1.) Inbalanced Data - So using SMOTE

2.) "Small" sized dataset - so leveraging the Kernel SVM

In [7]:
X_train,X_test,Y_train,Y_test = train_test_split(collapsed,event_idx,shuffle=False)
pipeline = imb_pipeline(PolynomialFeatures(3),StandardScaler(),SMOTE(),GradientBoostingClassifier())
param_grid = {'gradientboostingclassifier__n_estimators':[100,500,1000,3000],
              'gradientboostingclassifier__max_depth':[1,3,5]}
cv_svc = GridSearchCV(pipeline,param_grid=param_grid)
cv_svc.fit(X_train,Y_train)
pred = cv_svc.predict(X_test)
acc = accuracy_score(Y_test,pred)
f1 = f1_score(Y_test,pred)
roc = roc_auc_score(Y_test,pred)

print ('GBC Accuracy: {}'.format(acc))
print ('GBC F1: {}'.format(f1))
print ('GBC RoC: {}'.format(roc))

pipeline = imb_pipeline(PolynomialFeatures(3),StandardScaler(),SMOTE(),SVC())
param_grid = {'svc__C':[0.5,1,100,500,1000]}
cv_svc = GridSearchCV(pipeline,param_grid=param_grid)
cv_svc.fit(X_train,Y_train)
pred = cv_svc.predict(X_test)
acc = accuracy_score(Y_test,pred)
f1 = f1_score(Y_test,pred)
roc = roc_auc_score(Y_test,pred)

print ('SVC Accuracy: {}'.format(acc))
print ('SVC F1: {}'.format(f1))
print ('SVC RoC: {}'.format(roc))



GBC Accuracy: 0.5887850467289719
GBC F1: 0.35294117647058815
GBC RoC: 0.5509756097560976
SVC Accuracy: 0.5514018691588785
SVC F1: 0.3142857142857143
SVC RoC: 0.5126829268292683


## Actual Comparison of prediction vs truth

In [10]:
compare = pd.DataFrame([pred,Y_test],index=['Pred','Truth'])
compare

Unnamed: 0,0,1,2,3,4,5,6,7,8,9,...,97,98,99,100,101,102,103,104,105,106
Pred,0,1,1,0,0,1,0,0,0,1,...,0,1,0,1,1,0,0,0,0,0
Truth,0,0,0,0,0,1,0,1,1,0,...,0,0,0,0,0,0,0,0,0,1


## Criticism

The results leave much to be desired.

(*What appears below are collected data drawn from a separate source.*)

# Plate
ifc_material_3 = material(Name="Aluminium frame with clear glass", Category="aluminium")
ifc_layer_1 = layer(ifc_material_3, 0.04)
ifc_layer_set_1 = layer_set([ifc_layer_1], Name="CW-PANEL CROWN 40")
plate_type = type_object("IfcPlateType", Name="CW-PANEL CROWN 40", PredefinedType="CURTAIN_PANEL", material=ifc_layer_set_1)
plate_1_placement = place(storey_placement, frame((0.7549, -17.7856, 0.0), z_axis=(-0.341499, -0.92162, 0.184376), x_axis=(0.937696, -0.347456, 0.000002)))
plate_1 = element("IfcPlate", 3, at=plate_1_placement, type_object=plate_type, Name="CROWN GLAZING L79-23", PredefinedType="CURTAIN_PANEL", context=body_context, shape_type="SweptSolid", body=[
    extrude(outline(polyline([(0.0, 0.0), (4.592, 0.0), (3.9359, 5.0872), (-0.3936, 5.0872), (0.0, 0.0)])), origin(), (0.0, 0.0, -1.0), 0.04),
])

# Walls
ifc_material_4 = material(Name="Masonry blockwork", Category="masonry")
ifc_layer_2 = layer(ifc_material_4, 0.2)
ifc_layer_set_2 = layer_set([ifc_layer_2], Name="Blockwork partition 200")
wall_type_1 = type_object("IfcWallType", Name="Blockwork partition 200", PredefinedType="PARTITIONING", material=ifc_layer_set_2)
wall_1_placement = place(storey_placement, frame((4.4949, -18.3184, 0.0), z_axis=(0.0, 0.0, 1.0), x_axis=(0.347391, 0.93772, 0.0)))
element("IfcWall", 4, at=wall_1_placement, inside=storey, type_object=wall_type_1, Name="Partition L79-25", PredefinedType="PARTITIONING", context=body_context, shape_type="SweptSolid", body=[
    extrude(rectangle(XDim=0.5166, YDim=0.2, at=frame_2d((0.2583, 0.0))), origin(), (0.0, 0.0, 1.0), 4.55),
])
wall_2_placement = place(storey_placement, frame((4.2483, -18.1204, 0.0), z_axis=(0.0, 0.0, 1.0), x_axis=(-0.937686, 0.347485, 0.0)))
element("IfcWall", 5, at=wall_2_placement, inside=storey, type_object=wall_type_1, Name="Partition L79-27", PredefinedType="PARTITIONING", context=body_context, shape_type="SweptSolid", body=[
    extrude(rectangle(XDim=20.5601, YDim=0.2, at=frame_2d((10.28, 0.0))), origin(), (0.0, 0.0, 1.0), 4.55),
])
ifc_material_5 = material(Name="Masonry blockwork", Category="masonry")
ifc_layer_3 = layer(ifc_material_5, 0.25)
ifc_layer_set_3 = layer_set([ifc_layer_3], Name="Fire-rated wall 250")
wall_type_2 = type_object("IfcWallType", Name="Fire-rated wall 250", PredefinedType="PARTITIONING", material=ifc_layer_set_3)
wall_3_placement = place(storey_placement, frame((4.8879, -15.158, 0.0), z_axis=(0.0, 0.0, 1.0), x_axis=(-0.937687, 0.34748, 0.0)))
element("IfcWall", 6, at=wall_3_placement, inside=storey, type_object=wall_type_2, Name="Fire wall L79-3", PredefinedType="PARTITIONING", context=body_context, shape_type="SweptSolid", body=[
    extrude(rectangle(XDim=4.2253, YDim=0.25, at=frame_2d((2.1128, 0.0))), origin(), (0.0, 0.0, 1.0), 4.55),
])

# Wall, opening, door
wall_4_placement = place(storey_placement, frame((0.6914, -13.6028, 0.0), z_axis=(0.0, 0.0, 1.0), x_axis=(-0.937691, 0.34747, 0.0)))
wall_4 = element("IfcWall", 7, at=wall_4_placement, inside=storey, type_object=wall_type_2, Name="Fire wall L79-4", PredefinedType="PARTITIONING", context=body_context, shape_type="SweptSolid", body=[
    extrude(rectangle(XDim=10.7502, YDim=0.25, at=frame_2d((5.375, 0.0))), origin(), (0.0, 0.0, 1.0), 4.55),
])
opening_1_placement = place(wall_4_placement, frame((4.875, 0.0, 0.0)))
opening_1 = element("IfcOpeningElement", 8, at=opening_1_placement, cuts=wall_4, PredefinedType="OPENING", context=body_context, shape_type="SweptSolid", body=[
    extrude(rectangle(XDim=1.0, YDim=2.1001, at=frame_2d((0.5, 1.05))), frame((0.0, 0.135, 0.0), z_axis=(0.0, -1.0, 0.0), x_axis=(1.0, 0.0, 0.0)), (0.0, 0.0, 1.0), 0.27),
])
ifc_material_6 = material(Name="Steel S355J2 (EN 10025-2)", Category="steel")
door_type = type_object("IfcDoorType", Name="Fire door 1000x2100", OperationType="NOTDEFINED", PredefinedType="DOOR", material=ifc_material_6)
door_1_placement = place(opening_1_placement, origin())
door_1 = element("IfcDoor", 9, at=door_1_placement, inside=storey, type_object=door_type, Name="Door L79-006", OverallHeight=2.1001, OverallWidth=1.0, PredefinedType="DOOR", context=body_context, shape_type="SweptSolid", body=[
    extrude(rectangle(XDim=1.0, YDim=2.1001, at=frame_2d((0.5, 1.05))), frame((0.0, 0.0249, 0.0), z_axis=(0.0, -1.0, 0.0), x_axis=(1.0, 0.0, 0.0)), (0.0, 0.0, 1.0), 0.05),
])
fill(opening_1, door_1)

In fact if we just predicted the most probable class (0) we'd get around 80% accuracy, but that isn't useful to us. But we should be happy with this result, this proves this is  a challenging modeling problem that can't be solved immediately with  off-the-shelf methods. We'd have to employ something clever. Next steps are: Voting Ensembles, more feature engineering/selection/discovery, and a more sophisticated metric of "event" . As our mentors have stated they want to stay with traditional ML if possible, and use interpretable models.